Movies / Animé and Toons

Comic Con Exclusive: Batman: Year One


By Dan Horn
July 26, 2011 - 11:22

batman-year-one.jpg
If you've read Frank Miller's Batman: Year One, don't expect many surprises going into the iconic story's animated film adaptation. In a Q&A session about the film, producer and legendary animator Bruce Timm was asked how he made Year One his own. To which he replied, "I didn't. This is Frank Miller and David Mazzucchelli's comic book." The film really is a direct translation of Miller and Mazzucchelli's four-issue Batman run from 1987, the script almost verbatim from the books.

The story oscillates between Lt. James Gordon, a recent transfer to the  Gotham City Police Department, and Bruce Wayne, the wealthy "Prince of Gotham" recently returned from a self-imposed exile after witnessing his parents' murders. Gordon finds himself in a precarious position when he uncovers just how corrupt GCPD really is, but, with his pregnant wife at home, he's got everything to lose should he go against the grain. Meanwhile Bruce has finished his extensive physical and mental training to exact vengeance on the Gotham underworld for the death of his mother and father, and when he dons the mantle of Batman he and the crooked GCPD Commissioner Loeb are set on a fateful collision course, one that puts James Gordon in a moral quandary that he can't easily shake off.

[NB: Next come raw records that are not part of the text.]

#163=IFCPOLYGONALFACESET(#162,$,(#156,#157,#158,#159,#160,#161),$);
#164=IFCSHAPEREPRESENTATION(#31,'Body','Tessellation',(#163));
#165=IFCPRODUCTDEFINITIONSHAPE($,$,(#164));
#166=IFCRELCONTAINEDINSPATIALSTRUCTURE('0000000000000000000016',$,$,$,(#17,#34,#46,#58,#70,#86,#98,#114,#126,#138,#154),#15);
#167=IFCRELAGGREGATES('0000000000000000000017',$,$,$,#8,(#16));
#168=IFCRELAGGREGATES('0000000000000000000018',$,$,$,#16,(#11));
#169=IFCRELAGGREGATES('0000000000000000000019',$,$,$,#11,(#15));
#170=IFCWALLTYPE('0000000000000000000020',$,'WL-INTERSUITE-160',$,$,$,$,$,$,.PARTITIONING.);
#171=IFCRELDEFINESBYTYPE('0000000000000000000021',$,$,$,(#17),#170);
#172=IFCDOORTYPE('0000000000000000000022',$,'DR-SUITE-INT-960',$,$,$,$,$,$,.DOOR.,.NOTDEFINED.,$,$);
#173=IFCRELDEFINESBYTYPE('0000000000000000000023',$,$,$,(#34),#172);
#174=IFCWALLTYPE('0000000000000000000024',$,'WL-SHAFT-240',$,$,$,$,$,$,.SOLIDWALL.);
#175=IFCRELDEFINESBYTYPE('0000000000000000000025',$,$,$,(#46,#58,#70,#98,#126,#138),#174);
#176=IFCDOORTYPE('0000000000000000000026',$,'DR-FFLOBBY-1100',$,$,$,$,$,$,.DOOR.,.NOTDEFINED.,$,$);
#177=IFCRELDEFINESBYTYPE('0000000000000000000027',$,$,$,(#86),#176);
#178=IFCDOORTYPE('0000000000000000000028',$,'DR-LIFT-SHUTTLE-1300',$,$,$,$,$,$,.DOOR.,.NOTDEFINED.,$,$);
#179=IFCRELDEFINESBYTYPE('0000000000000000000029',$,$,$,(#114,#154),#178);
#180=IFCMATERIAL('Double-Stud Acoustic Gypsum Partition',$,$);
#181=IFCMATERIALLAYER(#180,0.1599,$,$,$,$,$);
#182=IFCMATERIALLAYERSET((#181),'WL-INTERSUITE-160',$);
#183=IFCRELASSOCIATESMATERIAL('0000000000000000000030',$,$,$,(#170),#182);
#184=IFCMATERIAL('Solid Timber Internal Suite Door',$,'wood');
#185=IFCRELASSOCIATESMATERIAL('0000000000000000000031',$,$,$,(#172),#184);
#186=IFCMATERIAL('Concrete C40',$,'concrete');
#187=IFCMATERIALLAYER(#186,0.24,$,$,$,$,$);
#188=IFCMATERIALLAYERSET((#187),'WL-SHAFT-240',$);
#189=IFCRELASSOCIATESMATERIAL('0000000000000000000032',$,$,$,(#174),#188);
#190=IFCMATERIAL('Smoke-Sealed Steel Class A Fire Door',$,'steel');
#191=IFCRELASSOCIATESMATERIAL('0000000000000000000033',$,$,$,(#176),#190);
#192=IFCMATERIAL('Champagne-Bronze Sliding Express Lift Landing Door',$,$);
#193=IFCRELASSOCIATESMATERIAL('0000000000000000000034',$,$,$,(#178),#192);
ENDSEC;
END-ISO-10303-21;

So, how does this twenty-four year-old story perform today? Surprisingly well, actually. I became painfully aware of something during this film: this wasn't just Miller's take on Batman's origins, as I think many of us have naively assumed for many years; this was his direct response to the Philadelphia MOVE firebombing of 1985, to police corruption and brutality, to dirty politicians, and it's a message that resonates especially today with America at the brink of defaulting as the Senate and House squabble over politics. Who really represents the American people: The congressman who is caught having extramarital affairs or taking bribes while his district crumbles into anarchy, or the idea of vigilante justice? It's easy to see that what Frank Miller is telling us is that in a perfect world there would be an equally perfect foil for our country's societal problems, someone like Batman, perhaps someone like a Fawkesish NY Governor Andrew Cuomo, or even a masked Barrack Obama. It's a refreshingly hopeful perspective in lieu of bleak reality, when hope is what we need.

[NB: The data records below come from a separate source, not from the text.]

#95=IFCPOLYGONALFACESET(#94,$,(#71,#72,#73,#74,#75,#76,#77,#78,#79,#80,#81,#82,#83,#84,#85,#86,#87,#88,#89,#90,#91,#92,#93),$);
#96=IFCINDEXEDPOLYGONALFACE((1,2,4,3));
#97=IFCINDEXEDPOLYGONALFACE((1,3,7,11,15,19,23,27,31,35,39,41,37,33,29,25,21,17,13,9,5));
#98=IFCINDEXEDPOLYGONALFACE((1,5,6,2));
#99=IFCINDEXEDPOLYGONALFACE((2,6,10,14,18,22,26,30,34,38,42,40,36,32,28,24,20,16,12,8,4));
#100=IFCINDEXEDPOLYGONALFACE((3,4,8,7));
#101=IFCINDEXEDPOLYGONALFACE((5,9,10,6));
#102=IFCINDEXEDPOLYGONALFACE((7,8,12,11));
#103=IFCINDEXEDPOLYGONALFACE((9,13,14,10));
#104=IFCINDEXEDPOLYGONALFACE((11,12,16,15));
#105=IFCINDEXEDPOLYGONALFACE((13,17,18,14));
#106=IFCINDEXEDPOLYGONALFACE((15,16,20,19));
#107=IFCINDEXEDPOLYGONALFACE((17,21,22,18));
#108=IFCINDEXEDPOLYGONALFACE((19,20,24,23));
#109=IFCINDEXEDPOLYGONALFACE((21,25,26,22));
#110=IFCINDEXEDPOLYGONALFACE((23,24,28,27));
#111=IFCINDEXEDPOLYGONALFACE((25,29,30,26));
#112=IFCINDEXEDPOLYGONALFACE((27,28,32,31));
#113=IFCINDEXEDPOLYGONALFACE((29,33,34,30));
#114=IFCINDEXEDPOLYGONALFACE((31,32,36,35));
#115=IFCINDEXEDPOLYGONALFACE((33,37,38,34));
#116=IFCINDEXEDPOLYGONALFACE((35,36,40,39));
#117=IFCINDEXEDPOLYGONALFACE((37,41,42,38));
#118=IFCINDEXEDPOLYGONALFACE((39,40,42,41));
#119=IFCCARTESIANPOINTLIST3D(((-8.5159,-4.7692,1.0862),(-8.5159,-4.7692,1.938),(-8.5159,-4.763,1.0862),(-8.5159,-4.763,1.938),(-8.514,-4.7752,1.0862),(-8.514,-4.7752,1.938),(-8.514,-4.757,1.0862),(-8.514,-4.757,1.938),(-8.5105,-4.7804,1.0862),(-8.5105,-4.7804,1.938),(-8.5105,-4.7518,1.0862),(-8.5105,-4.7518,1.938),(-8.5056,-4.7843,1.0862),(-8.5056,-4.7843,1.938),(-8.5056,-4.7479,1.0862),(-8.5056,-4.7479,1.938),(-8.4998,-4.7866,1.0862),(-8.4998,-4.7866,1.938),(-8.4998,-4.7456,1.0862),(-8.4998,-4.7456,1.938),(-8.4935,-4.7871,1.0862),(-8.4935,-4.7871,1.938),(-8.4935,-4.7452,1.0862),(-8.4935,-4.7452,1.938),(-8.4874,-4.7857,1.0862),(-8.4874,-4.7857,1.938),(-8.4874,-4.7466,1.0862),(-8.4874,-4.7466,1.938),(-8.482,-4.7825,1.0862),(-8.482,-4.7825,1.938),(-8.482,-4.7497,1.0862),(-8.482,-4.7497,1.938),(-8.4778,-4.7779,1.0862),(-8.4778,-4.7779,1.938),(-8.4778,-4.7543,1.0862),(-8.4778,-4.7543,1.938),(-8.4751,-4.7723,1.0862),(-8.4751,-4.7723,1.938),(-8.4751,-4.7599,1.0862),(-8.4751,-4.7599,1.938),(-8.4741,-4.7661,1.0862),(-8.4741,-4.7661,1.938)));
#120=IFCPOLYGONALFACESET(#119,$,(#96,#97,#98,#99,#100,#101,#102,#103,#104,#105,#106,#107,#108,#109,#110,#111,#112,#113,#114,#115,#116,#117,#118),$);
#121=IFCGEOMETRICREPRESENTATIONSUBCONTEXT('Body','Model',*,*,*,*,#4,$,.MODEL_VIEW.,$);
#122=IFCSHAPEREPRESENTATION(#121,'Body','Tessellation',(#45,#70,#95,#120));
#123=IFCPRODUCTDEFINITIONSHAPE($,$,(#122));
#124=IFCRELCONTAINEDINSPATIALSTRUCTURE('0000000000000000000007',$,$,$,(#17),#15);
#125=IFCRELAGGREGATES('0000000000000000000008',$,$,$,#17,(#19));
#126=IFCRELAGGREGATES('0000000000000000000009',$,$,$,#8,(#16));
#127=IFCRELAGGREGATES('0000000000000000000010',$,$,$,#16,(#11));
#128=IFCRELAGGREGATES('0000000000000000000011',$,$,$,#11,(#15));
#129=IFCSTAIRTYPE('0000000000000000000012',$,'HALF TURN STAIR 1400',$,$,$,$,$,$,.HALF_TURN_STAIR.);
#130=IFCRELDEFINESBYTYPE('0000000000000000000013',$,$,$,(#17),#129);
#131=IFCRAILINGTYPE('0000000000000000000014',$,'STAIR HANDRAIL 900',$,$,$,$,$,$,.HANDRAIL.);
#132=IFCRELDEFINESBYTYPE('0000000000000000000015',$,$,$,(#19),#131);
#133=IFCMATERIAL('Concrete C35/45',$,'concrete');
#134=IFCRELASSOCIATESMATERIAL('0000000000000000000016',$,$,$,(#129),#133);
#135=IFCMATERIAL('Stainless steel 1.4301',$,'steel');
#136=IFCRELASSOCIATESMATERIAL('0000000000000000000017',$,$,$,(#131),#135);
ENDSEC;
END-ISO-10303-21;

There are a few inherent problems with adapting Miller word-for-word. Some of his hard-boiled crime noir dialogue rings silly at times, and his hyperbole, like kicking trees in half for example, is glaringly divergent from Year One's somewhat realistic take on Batman's humble beginnings. Also, a plot thread involving Detective Sarah Essen is never concluded in a satisfying or definitive manner. It just seems to subsist to add one more twist, and, once it's achieved it, it's gone.

Batman: Year One also moves at a breakneck pace, to a fault sometimes, excluding Mazzucchelli's attention to atmosphere in favor of succinctness, but it's enormously entertaining nonetheless. The fight animations are fluid and vicious, perhaps the best I've seen in a WB animated feature. The voice work lent by Emmy-winner Bryan Cranston (Gordon), Ben McKenzie (Wayne), Katee Sackhoff (Sarah Essen), and Eliza Dushku (Selina Kyle) is phenomenal. Cranston's Gordon is tough, but conflicted and human, and McKenzie gives Bruce a novice vulnerability, whether by virtue of a fantastic performance or due to this being his first time doing voice-over work. Either way, it really works.

In the end, it's just absolutely exhilarating to see such a classic and quintessential Batman story brought to life in this way. It's not perfect, but it ranks among the best animated films Warner Bros. has released and gives Under the Red Hood a run for its money.

Batman: Year One hits store shelves on BluRay and DVD the same day, October 18, 2011, as the Batman: Arkham City video game.